The target date I set when I began making plans to launch my first start-up, using my redundancy payout and a large lump of equity from my house sale. The idea had first nudged into my head on one of the nights when I was looking through an old photo album and I came across the scrapbooks and plans Ed and I had once put together. Our gift shop – the one we hoped would be the first of many – never happened after I became pregnant.
It might have taken me twenty years, but I finally get to live my dream, at a time in my life when I’d assumed there were no more surprises available to me, at least not nice ones. How wrong could I be.
Obviously, if I stop and think about what I’m doing for too long I feel mildly paralysed with terror. But, in those instances, I try and remember how I felt during some of those tennis matches last summer, when I was too fired up with adrenalin to hesitate. The ones when I was winning.
Finding the premises felt like a gift from the gods, when the elderly owner of a dry-cleaning shop in the centre of the village decided to close it down. While this unfortunately means that the residents of Roebury have to drive five minutes more to get their trousers cleaned and pressed, I am hopeful that I will be forgiven when they see what’s in its place.
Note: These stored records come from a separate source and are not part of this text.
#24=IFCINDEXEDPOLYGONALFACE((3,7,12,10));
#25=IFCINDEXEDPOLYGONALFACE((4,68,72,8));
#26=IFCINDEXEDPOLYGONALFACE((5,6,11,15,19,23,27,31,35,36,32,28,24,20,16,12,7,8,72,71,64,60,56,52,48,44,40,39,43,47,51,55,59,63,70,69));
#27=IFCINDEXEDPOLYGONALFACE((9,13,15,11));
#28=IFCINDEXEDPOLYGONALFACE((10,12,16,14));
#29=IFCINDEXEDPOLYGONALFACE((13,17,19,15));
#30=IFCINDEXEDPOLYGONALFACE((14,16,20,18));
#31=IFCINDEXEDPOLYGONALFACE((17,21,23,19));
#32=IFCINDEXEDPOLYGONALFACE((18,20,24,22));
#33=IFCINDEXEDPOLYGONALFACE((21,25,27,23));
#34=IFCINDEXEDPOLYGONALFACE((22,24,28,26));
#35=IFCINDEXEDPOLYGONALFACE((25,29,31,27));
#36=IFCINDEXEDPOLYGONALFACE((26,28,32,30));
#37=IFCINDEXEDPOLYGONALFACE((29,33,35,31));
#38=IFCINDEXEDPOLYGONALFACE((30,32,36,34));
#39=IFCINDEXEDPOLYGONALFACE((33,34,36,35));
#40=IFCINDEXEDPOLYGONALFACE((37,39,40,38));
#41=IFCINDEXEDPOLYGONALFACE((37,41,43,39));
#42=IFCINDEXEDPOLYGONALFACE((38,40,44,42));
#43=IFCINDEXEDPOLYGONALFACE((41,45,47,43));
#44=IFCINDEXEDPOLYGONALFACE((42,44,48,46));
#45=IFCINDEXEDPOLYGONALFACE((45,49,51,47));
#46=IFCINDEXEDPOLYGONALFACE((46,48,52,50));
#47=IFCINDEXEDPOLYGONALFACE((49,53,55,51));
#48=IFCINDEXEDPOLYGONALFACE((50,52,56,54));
The shop is on course to be everything I ever dreamed it would be. Both elegant and quirky, selling everything from trinket plates painted with oriental birds to kitsch cocktailglasses reminiscent of a bygone age. The fit-out is almost complete, our supply chain is in place and there are now only a few finishing touches left before we open. The icing on the cake is that it’s not far from where I live. After the landlord in London was persuaded to end my tenancy agreement early (though not without a hefty financial sweetener on my part) I found a lovely three-bedroom apartment in a big Georgian house about seven minutes’ walk from Roebury tennis club.
A knock on the glass makes us both jump and a face appears at the window.